Senin, 06 Juni 2011

Produk Terdaur Ulang Sebenarnya Tak Ramah Lingkungan


TEMPO Interaktif, Jakarta - Kebanyakan kita berpikir benda-benda yang dapat didaur ulang, mulai dari kantong sampah sampai pembalut, sudah aman terhadap lingkungan. Soalnya, mereka didesain untuk hancur dan larut ke alam secara alami dengan cepat. Tapi, ilmuwan menemukan bahwa mereka sebetulnya tak benar-benar ramah lingkungan.

Ilmuwan di Fakultas Teknik Sipil, Konstruksi, dan Lingkungan, North Carolina State University, melakukan sebuah penelitian yang hasilnya dipublikasikan di Jurnal Environmental Science & Technologi edisi online pada akhir Mei lalu. Temuan mereka, produk yang bisa didaur ulang itu ternyata telah melepaskan gas rumah kaca, metana, saat mereka luruh ke dalam tanah.

Emisi itu terjadi, menurut penelitian, lantaran produk-produk itu didesain untuk luruh secara lebih cepat. Percepatan inilah yang menyebabkan proses luruh justru menghasilkan emisi.
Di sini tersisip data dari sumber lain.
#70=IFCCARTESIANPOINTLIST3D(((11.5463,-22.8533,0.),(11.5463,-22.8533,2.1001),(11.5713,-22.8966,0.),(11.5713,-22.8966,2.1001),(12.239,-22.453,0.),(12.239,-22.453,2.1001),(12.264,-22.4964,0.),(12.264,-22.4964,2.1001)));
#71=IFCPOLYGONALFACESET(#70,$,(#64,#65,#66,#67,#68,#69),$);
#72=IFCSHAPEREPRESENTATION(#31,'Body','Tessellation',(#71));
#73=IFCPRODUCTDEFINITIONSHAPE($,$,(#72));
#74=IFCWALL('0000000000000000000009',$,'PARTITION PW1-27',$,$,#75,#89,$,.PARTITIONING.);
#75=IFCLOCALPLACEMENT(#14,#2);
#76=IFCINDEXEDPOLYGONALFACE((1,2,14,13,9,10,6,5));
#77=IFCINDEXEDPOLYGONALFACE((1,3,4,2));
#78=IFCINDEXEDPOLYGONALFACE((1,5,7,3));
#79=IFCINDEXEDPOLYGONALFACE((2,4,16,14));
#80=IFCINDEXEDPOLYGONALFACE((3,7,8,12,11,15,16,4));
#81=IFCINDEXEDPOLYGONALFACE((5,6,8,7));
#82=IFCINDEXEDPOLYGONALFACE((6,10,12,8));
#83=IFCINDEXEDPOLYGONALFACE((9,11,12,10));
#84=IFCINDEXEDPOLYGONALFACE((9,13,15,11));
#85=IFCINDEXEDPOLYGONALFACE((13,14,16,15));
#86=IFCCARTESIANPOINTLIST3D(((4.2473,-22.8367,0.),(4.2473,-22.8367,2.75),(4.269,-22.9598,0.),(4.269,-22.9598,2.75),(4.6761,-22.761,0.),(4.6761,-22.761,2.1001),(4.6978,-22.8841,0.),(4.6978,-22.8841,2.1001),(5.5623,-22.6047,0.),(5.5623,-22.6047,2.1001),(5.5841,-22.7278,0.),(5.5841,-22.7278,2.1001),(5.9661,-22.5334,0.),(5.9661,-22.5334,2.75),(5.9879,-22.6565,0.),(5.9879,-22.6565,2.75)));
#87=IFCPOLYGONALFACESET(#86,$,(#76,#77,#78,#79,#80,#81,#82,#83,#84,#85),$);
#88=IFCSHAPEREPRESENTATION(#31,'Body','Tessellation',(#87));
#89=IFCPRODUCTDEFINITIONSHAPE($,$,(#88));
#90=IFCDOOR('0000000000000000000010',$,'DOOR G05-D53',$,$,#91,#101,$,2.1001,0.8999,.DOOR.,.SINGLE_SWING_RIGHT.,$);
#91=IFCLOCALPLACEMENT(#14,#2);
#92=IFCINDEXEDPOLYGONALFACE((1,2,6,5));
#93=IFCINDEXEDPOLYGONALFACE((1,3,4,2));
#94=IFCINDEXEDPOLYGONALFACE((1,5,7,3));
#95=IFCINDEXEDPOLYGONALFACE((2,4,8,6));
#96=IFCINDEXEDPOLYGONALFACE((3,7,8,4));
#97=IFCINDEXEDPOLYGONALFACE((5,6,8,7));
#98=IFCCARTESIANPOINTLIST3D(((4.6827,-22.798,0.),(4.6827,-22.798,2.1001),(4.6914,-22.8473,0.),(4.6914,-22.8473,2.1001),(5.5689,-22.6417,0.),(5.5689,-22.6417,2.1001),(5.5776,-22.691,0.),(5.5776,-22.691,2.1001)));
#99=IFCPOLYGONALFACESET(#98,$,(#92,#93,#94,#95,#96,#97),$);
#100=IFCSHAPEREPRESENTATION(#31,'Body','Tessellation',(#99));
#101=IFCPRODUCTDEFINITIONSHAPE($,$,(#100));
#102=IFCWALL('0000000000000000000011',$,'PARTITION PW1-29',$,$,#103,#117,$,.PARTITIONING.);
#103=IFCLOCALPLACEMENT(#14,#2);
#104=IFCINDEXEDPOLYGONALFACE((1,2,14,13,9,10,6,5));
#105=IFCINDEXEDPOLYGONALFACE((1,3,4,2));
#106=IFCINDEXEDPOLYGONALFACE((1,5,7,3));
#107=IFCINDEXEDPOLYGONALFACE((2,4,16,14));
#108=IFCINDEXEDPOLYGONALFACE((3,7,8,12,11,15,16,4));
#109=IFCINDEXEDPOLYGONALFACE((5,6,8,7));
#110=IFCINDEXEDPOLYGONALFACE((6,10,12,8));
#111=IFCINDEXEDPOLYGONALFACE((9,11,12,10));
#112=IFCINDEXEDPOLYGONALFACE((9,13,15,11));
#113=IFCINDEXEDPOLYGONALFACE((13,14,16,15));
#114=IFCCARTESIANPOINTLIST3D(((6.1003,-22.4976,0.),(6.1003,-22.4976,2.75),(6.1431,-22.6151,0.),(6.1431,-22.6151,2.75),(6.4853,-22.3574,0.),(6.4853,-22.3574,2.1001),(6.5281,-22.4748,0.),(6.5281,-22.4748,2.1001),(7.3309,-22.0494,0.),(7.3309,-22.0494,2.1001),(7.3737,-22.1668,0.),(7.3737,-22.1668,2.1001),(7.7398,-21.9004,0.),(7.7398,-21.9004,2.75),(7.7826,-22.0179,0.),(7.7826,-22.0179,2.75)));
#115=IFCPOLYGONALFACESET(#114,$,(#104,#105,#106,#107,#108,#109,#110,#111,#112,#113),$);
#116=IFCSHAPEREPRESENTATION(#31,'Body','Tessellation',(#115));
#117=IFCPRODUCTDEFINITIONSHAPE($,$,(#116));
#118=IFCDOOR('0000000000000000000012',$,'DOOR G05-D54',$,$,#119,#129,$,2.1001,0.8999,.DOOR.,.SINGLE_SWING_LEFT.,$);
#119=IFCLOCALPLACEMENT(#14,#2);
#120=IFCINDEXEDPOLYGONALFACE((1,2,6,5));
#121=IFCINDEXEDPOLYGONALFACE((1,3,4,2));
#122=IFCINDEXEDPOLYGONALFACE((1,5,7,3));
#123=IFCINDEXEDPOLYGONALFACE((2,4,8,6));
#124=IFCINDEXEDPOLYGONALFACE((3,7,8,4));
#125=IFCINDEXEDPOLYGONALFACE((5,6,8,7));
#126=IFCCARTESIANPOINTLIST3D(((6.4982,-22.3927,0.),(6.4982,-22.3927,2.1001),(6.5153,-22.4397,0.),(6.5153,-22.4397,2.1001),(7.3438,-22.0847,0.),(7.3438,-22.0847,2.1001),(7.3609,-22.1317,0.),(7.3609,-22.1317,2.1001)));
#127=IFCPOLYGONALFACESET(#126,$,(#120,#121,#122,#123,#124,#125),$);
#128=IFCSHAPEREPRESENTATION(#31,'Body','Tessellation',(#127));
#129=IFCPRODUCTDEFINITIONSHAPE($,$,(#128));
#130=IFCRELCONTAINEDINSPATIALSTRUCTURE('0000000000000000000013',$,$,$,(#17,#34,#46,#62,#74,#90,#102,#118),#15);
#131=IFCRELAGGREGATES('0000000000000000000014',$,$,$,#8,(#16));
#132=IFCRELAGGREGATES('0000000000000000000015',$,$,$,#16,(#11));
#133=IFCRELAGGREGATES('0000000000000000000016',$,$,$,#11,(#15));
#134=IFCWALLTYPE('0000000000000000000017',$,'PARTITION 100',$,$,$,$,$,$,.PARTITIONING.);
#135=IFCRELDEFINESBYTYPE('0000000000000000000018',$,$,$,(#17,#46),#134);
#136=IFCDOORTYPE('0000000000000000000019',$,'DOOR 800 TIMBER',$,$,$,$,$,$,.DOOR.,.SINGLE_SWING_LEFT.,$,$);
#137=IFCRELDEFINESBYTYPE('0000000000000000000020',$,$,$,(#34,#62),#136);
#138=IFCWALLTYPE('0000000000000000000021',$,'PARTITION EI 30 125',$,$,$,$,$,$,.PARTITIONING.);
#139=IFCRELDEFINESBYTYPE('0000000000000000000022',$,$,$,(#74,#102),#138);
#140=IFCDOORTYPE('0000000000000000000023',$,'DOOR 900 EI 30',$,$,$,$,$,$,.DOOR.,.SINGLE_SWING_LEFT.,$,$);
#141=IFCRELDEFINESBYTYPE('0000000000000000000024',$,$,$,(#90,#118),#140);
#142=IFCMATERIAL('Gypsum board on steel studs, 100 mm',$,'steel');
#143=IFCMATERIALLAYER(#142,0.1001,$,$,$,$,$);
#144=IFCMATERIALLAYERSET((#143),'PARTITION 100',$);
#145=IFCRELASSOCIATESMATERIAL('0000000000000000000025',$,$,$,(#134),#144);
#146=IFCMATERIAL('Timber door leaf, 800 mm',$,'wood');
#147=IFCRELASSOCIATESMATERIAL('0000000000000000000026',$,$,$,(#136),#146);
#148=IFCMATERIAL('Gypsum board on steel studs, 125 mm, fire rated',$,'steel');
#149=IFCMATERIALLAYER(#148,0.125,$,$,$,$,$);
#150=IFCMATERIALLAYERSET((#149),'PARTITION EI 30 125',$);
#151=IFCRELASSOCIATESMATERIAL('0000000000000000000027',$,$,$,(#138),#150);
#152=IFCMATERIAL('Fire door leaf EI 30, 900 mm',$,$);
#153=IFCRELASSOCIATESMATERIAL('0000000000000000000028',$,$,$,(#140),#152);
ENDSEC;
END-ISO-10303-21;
Kepala penelitian itu, Morton Barlaz, dan koleganya, meneliti apa yang terjadi pada sampah makanan, kertas, koran, dan polimer terdaur-ulang yang dinamai PHBO yang ditanam di tanah urukan orang Amerika. Eksperimen model mereka menunjukkan bahwa material dengan angka peluruhan yang lebih tinggi ternyata membuang lebih banyak gas metana ke atmosfir.
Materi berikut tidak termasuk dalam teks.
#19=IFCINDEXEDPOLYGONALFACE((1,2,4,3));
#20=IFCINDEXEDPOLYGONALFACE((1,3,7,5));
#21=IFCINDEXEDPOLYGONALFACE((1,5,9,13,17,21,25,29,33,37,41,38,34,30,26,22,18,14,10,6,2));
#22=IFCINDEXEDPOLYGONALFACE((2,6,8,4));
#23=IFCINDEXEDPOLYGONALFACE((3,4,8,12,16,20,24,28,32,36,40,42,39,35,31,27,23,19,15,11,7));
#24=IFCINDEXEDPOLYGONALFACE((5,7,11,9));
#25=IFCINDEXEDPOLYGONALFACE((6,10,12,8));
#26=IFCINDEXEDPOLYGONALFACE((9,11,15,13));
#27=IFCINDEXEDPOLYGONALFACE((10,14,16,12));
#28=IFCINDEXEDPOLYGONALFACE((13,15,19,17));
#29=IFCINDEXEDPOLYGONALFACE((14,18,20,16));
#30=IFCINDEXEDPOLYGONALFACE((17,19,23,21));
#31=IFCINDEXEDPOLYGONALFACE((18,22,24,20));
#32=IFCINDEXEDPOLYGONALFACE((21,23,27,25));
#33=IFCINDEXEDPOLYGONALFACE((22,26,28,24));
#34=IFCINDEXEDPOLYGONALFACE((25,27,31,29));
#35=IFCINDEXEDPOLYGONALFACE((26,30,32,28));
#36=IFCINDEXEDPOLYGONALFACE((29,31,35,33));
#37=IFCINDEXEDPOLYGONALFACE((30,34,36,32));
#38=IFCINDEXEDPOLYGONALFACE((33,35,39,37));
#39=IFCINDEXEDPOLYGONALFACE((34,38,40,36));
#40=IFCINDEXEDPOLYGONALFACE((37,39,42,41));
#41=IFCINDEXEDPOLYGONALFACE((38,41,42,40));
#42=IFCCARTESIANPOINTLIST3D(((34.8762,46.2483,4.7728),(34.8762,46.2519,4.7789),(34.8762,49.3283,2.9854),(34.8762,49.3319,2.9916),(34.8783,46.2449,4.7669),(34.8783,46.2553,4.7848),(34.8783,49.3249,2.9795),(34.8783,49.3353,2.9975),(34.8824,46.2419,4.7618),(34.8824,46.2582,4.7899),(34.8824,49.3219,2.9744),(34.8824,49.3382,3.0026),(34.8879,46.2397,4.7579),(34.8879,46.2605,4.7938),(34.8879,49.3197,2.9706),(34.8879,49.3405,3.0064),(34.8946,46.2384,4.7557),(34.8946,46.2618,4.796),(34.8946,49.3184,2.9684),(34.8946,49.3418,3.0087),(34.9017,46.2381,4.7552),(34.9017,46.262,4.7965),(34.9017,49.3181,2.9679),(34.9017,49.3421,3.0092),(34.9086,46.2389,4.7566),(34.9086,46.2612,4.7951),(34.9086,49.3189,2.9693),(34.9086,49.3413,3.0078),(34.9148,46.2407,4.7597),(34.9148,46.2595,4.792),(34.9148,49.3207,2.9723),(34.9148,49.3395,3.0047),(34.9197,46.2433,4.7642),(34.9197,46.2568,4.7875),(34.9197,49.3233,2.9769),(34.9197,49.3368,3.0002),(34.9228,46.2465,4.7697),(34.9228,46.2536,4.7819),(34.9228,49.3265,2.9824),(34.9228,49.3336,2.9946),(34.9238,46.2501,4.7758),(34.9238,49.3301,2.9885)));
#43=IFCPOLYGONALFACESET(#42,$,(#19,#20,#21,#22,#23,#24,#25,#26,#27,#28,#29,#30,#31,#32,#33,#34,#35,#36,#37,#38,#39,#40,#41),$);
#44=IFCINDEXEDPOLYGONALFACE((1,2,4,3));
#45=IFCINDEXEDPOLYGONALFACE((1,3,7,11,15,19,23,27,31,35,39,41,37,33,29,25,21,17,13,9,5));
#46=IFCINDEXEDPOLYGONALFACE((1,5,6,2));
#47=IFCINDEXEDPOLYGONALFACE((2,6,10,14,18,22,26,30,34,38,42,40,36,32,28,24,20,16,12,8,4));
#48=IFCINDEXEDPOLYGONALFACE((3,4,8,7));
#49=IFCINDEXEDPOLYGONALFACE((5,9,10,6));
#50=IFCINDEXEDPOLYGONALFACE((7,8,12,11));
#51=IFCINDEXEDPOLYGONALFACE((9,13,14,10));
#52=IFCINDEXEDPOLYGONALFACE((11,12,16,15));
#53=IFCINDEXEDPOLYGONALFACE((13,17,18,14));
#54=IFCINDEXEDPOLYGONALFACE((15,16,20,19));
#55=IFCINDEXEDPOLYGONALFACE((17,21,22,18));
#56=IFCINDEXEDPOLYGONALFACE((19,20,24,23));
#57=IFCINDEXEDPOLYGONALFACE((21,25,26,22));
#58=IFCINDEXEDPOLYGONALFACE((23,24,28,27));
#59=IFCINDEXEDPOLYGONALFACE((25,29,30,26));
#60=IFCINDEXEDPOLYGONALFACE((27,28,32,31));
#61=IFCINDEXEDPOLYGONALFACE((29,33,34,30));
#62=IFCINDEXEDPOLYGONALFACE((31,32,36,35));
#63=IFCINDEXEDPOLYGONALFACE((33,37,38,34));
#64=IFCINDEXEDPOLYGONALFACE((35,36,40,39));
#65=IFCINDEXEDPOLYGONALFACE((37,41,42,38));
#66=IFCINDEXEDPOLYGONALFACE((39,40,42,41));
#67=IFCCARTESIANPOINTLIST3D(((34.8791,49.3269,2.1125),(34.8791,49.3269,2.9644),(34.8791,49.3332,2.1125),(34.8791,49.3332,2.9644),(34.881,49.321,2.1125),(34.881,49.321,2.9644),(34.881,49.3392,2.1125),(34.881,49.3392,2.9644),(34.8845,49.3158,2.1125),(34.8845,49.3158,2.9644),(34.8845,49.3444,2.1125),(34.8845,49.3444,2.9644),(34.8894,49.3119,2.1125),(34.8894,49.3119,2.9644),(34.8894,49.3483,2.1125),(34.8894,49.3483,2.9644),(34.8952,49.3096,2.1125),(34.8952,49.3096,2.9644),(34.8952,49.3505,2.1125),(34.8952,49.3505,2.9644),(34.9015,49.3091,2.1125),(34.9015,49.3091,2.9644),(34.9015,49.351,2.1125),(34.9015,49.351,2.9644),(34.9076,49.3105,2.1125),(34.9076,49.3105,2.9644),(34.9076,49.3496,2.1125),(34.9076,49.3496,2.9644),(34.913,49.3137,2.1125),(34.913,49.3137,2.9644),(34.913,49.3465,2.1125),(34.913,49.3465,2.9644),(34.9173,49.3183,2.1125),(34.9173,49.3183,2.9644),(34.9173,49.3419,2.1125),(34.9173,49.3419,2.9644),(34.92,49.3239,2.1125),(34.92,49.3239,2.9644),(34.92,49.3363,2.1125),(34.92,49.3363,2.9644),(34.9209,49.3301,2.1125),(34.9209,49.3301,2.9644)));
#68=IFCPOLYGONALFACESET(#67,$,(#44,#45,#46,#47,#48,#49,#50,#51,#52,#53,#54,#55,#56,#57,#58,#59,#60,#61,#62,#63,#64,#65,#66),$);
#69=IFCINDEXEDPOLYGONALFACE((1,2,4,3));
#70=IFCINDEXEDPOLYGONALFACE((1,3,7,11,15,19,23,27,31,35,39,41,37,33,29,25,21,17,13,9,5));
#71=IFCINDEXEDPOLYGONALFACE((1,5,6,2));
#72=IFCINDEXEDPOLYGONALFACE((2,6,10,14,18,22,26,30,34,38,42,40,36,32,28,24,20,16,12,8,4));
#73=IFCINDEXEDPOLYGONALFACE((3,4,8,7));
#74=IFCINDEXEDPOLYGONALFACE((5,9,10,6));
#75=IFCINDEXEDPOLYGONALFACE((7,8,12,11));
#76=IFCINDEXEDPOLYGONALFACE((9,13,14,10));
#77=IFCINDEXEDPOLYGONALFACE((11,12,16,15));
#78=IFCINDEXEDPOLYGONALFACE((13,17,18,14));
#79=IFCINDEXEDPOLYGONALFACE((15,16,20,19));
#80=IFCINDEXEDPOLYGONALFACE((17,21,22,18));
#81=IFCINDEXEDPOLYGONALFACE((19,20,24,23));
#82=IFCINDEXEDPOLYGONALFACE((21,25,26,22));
"Semakin lambat gas terbentuk, semakin banyak ia disimpan di tanah," tutur Barlaz. "Itulah fungsi tanah urukan bekerja, sistem pengumpulan bekerja setelah sampah dikubur."

Selama masa antara, biasanya kira-kira dua tahun, lebih cepat proses peluruhan berjalan, lebih banyak metana yang dilepaskan. Menurut para peneliti, supaya produk daur ulang itu lebih ramah lingkungan, maka proses peluruhannya harus diperlambat dan lebih banyak metana yang dikumpulkan bukan dilepas.

Metana dari tanah urukan bisa menolong lingkungan. Badan Perlindungan Lingkungan Amerika Serikat  melaporkan bahwa sepertiga sampah yang dihasilkan Amerika Serikat dan dibuang ke tempat penimbunan telah menangkap metana dan digunakan untuk menghasilkan panas dan listrik. Sepertiganya terkubur di tanah dan sisanya terbuang ke angkasa.